The whole point behind back tension preload is having your draw length set absolutely perfect so that when you come to anchor and touch the wall your elbow is very slightly short of being lined up with your arrow perfectly. So when you apply some back tension into the wall your elbow now moves that fraction of a inch and now lines up perfectly. 

If your draw length is to short you will have to struggle to get there and create problems.

If you are to long in draw length you will be overly extended and struggle to apply any back tension to the wall and most of it is your body bottoming out especially if you aren't overly flexible. Again causing problems.

For me I treated this as a shooting session, where I had access to a draw board and press and I twisted my bow string until I found a wonderful draw length setting where I came to anchor and was sitting against the wall and when I applied a little preload it was perfect.


----------



## Padgett (Feb 5, 2010)

As far as the steps in your shooting you use your normal shot routine and as you come to anchor and the pin is moving over to the spot you want to hit you go ahead and apply the preload so that you are done with this step before your pin even shows up to the spot. 

Why? 

1. Because you aren't wasting time by doing it before the pin arrives

2. Once you apply the preload your pin float will be nice and consistent and sweet as you approach the spot, if you wait on the pin to get to the spot and then apply it you will see the pin move and you are now freaked out and also wasting time and adding stress to the shot.


----------



## Padgett (Feb 5, 2010)

Here is a very important thing to consider:

You should feel a sensation of pulling into the wall, now if you have a hard hand grip on the release then you are forcing the cable stops to bend the cables or something to justify that sensation. 

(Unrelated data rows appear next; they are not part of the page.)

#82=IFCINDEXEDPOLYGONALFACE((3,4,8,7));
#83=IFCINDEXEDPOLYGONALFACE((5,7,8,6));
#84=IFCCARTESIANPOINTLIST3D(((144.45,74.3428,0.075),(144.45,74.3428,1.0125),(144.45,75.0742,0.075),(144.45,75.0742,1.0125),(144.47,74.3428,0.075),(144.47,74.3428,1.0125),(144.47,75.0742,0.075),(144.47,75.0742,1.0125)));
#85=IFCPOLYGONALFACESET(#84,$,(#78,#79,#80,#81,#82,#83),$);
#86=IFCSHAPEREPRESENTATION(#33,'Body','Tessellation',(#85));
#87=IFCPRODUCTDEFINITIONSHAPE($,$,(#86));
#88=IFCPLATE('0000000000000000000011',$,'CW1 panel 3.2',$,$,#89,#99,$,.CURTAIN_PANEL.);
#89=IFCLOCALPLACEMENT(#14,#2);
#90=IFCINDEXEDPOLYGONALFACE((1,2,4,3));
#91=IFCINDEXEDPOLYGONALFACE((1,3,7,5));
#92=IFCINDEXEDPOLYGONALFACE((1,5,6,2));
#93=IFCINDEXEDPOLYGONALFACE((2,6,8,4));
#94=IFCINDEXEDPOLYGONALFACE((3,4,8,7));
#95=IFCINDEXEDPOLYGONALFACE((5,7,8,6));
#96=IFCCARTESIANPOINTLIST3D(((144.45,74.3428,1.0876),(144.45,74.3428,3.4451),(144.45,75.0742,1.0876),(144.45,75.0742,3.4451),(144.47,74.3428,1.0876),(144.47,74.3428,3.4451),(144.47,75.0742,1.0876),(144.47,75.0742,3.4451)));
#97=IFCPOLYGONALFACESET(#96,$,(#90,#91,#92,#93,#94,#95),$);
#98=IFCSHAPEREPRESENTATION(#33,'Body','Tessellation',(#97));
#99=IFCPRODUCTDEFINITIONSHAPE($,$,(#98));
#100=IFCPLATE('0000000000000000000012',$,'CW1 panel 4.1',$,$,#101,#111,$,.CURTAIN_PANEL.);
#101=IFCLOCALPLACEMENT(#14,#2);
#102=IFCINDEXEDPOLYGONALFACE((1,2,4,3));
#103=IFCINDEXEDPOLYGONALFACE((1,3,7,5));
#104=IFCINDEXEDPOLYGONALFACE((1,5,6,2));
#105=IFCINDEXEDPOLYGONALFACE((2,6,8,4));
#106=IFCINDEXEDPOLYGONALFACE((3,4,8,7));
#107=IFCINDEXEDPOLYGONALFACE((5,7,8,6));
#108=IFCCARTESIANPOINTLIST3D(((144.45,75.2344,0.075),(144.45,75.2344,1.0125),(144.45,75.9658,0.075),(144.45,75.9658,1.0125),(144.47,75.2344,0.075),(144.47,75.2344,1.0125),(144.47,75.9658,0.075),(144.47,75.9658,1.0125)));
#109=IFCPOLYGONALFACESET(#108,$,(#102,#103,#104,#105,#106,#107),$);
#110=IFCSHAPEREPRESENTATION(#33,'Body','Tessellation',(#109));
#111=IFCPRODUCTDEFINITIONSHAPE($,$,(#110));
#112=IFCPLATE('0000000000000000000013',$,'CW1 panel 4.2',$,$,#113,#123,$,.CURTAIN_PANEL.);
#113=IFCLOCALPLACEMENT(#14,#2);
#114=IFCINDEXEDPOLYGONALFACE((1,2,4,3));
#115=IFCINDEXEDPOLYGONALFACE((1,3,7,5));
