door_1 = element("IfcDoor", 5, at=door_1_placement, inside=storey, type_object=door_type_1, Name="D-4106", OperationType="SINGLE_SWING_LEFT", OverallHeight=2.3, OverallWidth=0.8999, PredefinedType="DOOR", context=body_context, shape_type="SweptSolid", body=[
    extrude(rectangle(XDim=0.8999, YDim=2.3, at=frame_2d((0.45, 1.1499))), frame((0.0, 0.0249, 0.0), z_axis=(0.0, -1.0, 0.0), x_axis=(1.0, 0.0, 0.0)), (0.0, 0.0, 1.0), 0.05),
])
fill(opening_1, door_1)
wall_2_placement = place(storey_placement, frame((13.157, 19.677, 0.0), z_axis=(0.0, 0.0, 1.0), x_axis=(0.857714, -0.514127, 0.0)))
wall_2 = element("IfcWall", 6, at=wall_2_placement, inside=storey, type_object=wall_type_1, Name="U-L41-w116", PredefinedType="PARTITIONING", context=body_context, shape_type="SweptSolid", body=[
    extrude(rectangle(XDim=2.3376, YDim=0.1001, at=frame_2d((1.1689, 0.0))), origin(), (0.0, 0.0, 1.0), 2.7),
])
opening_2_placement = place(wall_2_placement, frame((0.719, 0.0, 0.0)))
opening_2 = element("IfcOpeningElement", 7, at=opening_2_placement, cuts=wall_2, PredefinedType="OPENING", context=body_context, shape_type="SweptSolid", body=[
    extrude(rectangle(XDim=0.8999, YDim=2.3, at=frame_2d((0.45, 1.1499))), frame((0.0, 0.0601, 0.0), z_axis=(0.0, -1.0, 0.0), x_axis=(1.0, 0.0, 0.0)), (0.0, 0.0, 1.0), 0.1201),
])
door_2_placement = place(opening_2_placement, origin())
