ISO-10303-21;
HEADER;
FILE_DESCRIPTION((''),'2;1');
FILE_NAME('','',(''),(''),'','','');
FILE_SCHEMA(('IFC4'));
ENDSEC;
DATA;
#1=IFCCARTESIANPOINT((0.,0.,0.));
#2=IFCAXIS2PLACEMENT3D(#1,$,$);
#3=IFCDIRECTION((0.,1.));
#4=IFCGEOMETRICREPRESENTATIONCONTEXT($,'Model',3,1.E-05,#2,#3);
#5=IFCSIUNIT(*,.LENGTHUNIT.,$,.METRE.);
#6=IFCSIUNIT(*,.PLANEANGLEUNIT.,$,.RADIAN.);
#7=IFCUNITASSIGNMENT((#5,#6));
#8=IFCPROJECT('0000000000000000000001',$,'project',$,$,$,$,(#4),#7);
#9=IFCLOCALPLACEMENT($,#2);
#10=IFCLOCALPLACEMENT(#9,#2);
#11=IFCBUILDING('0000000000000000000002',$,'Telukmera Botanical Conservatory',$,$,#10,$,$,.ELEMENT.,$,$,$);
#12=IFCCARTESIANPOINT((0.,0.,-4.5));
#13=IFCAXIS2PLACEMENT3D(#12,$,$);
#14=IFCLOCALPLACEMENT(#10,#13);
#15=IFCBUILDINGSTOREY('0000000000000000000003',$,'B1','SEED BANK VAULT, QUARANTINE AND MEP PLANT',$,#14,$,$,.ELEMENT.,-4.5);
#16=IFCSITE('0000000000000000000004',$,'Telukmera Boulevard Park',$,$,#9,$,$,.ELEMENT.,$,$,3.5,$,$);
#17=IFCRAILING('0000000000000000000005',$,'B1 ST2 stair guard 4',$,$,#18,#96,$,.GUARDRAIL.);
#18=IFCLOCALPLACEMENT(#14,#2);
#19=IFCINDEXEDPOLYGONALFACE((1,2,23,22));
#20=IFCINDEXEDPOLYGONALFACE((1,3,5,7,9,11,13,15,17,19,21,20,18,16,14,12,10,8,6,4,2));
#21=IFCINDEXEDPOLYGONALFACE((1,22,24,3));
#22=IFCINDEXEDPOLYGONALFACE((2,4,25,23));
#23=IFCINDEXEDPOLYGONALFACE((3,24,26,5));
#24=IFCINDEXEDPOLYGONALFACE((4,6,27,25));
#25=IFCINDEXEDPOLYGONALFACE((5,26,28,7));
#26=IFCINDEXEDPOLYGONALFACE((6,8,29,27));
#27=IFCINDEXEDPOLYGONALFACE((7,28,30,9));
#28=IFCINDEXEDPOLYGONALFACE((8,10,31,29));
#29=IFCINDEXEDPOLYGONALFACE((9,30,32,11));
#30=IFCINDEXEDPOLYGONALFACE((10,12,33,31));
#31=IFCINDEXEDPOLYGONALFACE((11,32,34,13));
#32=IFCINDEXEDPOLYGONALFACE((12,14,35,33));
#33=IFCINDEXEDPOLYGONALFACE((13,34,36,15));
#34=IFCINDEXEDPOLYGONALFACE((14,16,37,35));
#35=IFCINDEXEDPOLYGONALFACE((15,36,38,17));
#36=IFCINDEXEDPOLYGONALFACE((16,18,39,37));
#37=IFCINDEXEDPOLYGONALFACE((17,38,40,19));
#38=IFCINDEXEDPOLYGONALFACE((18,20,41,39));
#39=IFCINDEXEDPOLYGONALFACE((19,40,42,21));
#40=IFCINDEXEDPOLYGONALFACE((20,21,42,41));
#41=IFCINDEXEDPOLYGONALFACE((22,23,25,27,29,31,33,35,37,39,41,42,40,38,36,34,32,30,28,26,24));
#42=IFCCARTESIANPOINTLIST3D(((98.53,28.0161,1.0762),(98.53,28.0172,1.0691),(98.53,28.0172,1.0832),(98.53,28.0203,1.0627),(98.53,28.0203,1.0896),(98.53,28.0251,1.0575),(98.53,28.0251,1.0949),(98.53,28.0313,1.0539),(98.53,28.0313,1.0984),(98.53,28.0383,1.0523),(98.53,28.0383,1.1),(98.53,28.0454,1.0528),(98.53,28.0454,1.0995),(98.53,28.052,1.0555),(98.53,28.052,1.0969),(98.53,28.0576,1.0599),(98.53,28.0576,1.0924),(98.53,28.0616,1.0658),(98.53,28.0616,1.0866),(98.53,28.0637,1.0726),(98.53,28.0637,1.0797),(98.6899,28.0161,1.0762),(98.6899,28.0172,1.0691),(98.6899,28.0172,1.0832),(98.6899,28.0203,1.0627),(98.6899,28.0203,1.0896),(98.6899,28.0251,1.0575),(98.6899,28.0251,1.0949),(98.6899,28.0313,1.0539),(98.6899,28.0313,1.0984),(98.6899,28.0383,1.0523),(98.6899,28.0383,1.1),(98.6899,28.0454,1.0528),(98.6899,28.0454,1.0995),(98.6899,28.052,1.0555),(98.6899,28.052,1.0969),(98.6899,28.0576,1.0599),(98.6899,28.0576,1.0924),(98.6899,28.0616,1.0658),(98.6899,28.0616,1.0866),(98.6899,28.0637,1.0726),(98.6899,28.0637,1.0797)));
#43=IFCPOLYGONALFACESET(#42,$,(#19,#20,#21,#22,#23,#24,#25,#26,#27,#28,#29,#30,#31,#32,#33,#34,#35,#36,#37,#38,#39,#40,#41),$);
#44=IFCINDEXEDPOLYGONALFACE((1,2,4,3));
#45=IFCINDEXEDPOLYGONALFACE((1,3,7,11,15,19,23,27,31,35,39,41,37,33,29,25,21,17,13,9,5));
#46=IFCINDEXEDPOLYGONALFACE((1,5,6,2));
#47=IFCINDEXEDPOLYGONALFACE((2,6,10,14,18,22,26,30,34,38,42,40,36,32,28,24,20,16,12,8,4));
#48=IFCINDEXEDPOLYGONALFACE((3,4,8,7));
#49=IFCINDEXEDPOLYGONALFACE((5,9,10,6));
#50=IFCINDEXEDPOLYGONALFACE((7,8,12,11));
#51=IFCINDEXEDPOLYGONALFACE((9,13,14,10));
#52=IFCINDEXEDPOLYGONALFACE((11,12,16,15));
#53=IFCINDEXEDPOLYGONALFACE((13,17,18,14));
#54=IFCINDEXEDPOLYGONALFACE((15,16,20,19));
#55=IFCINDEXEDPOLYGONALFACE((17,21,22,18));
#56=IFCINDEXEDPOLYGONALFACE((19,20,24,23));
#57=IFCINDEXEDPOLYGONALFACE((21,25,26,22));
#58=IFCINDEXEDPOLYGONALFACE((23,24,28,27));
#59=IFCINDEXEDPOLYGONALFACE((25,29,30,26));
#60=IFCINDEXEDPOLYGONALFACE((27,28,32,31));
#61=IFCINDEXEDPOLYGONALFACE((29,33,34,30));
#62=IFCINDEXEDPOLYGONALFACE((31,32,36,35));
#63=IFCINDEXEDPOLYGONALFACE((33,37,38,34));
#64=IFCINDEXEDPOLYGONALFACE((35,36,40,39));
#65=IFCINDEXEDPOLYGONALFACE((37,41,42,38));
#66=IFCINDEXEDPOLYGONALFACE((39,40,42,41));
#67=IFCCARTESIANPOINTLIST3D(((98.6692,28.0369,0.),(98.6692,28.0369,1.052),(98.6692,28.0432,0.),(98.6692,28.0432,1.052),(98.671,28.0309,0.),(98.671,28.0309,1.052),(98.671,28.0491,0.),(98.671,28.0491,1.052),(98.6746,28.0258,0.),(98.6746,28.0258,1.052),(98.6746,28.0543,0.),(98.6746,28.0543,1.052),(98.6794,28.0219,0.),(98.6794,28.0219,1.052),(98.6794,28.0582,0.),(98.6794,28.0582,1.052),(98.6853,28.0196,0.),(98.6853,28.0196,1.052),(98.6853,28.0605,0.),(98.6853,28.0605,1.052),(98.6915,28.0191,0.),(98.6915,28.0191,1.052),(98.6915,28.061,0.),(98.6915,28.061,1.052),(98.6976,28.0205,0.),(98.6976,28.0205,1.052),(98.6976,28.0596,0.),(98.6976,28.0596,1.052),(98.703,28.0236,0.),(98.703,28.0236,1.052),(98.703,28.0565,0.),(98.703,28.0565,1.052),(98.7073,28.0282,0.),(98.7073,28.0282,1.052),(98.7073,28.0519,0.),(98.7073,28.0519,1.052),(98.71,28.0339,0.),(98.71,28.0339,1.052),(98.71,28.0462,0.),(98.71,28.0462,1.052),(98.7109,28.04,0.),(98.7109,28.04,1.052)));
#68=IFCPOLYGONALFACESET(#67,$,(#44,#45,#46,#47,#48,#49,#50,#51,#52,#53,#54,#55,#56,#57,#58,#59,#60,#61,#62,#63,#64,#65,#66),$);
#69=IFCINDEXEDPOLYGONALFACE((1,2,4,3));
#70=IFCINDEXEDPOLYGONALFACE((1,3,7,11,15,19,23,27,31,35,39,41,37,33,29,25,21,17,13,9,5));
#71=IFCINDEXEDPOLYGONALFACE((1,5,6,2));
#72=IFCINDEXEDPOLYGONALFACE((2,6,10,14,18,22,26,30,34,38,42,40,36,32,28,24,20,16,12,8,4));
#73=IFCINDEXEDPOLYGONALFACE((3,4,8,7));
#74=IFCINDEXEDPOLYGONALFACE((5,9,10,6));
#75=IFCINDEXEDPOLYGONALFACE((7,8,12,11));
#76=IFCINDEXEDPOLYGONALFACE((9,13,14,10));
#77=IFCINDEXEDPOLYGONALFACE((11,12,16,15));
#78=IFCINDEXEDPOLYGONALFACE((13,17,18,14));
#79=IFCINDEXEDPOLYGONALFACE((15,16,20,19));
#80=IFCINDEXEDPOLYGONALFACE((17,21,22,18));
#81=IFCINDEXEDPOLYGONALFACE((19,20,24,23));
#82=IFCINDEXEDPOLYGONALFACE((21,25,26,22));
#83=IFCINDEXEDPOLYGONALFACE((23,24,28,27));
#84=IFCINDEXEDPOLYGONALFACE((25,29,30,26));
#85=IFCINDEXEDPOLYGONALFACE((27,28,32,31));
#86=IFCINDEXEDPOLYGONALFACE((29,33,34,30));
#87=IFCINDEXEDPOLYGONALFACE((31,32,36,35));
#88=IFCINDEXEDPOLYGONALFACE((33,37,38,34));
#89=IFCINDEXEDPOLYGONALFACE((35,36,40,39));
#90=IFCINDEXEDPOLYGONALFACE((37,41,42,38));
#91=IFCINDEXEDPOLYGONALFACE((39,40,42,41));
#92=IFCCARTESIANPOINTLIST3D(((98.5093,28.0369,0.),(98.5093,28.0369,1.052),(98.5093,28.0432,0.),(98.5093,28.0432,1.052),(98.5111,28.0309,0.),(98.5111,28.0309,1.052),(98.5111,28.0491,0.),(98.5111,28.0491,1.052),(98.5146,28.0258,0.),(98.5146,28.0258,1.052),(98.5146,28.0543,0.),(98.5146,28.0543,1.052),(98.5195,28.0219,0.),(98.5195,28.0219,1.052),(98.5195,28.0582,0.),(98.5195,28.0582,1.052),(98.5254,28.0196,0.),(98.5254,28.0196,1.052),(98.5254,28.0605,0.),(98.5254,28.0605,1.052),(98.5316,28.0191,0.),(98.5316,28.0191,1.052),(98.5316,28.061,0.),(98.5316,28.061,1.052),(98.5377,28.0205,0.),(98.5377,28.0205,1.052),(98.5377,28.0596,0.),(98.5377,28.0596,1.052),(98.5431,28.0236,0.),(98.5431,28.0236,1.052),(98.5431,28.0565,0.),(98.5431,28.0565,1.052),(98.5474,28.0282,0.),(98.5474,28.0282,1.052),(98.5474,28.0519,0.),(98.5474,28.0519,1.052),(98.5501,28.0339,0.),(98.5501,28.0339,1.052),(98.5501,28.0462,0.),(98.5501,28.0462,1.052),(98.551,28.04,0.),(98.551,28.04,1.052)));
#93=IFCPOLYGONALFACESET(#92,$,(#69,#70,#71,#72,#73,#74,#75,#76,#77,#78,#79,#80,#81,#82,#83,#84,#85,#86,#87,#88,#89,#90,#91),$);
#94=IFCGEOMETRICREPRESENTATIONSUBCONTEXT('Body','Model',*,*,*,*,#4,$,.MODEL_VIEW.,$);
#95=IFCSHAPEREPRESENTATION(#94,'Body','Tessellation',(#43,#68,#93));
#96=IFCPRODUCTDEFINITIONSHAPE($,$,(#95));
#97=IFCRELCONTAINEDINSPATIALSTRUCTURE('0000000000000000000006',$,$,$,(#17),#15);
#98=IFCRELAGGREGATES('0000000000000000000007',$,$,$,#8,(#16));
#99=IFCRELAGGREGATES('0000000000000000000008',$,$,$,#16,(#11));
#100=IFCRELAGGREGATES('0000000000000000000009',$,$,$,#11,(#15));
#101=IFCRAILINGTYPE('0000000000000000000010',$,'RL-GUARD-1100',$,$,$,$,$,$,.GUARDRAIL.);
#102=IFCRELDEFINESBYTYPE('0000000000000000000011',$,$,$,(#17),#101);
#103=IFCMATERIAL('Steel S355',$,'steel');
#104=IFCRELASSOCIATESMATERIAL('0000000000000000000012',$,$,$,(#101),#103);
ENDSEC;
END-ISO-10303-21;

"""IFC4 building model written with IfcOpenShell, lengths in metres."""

from ifc_helpers import new_model, si_unit, direction, frame, origin, origin_2d, place, context, subcontext, project, spatial, circle, extrude, material, type_object, element, save


model = new_model("IFC4")

# Units and contexts
model_context = context("Model", 3, precision=1e-05, world=origin(), true_north=direction((0.0, 1.0)))
body_context = subcontext(model_context, "Body", "Model", "MODEL_VIEW")
ifc_project = project(units=[si_unit("LENGTHUNIT", "METRE"), si_unit("PLANEANGLEUNIT", "RADIAN")], contexts=[model_context])

# Site, building, storey
site_placement = place(None, origin())
site = spatial("IfcSite", under=ifc_project, at=site_placement, Name="Telukmera Boulevard Park", CompositionType="ELEMENT", RefElevation=3.5)
building_placement = place(site_placement, origin())
building = spatial("IfcBuilding", under=site, at=building_placement, Name="Telukmera Botanical Conservatory", CompositionType="ELEMENT")
storey_placement = place(building_placement, frame((0.0, 0.0, -4.5)))
storey = spatial("IfcBuildingStorey", under=building, at=storey_placement, Name="B1", Description="SEED BANK VAULT, QUARANTINE AND MEP PLANT", CompositionType="ELEMENT", Elevation=-4.5)

# Railing
ifc_material_1 = material(Name="Steel S355", Category="steel")
railing_type_1 = type_object("IfcRailingType", Name="RL-GUARD-1100", PredefinedType="GUARDRAIL", material=ifc_material_1)
railing_1_placement = place(storey_placement, frame((98.6899, 28.04, 0.0)))
element("IfcRailing", 1, at=railing_1_placement, inside=storey, type_object=railing_type_1, Name="B1 ST2 stair guard 4", PredefinedType="GUARDRAIL", context=body_context, shape_type="SweptSolid", body=[
    extrude(circle(Radius=0.0239, at=origin_2d()), frame((0.0, 0.0, 1.0762), z_axis=(-1.0, 0.0, 0.0), x_axis=(0.0, -1.0, 0.0)), (0.0, 0.0, 1.0), 0.1599),
    extrude(circle(Radius=0.021, at=origin_2d()), origin(), (0.0, 0.0, 1.0), 1.052),
    extrude(circle(Radius=0.021, at=origin_2d()), frame((-0.1599, 0.0, 0.0)), (0.0, 0.0, 1.0), 1.052),
])

save(model, "model.ifc")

The more acceptable way to do it is to shoot with a soft hand and when you apply this preload to the system most of that preload is soaked up by the hand slightly stretching and a small percentage of the cable stops pulling into the cables. This is a much better way to get there than with the hard hand.

If you shoot a bow with limb stops then your soft hand is going to be the primary source of give to the system to store the preload into the wall


----------



## Rick! (Aug 10, 2008)

How does back tension preload differ from transfer? Which one sets the draw side scapula in a more favorable position? 

RCR's vid is good but it basically complements GRIV's Thing a Week #9, Part 2.


----------



## Padgett (Feb 5, 2010)

It is hard for me to answer that with a limited definition of your term "Transfer"

What I can say is that to me Back Tension Preload is done before you start your shot, this allows a consistent amount of pressure to exist in your system through out your shot and you then run a firing engine that doesn't add or subtract that tension. This allows you to do something really important and that is to shoot your shot with a clean and natural float pattern that is not being screwed with by some varying amount of pressures added to the wall. 

So if you are transferring tension into the wall during the shot with your back muscles you are choosing to do something slightly different than using your back muscles to apply back tension to the wall before the shot.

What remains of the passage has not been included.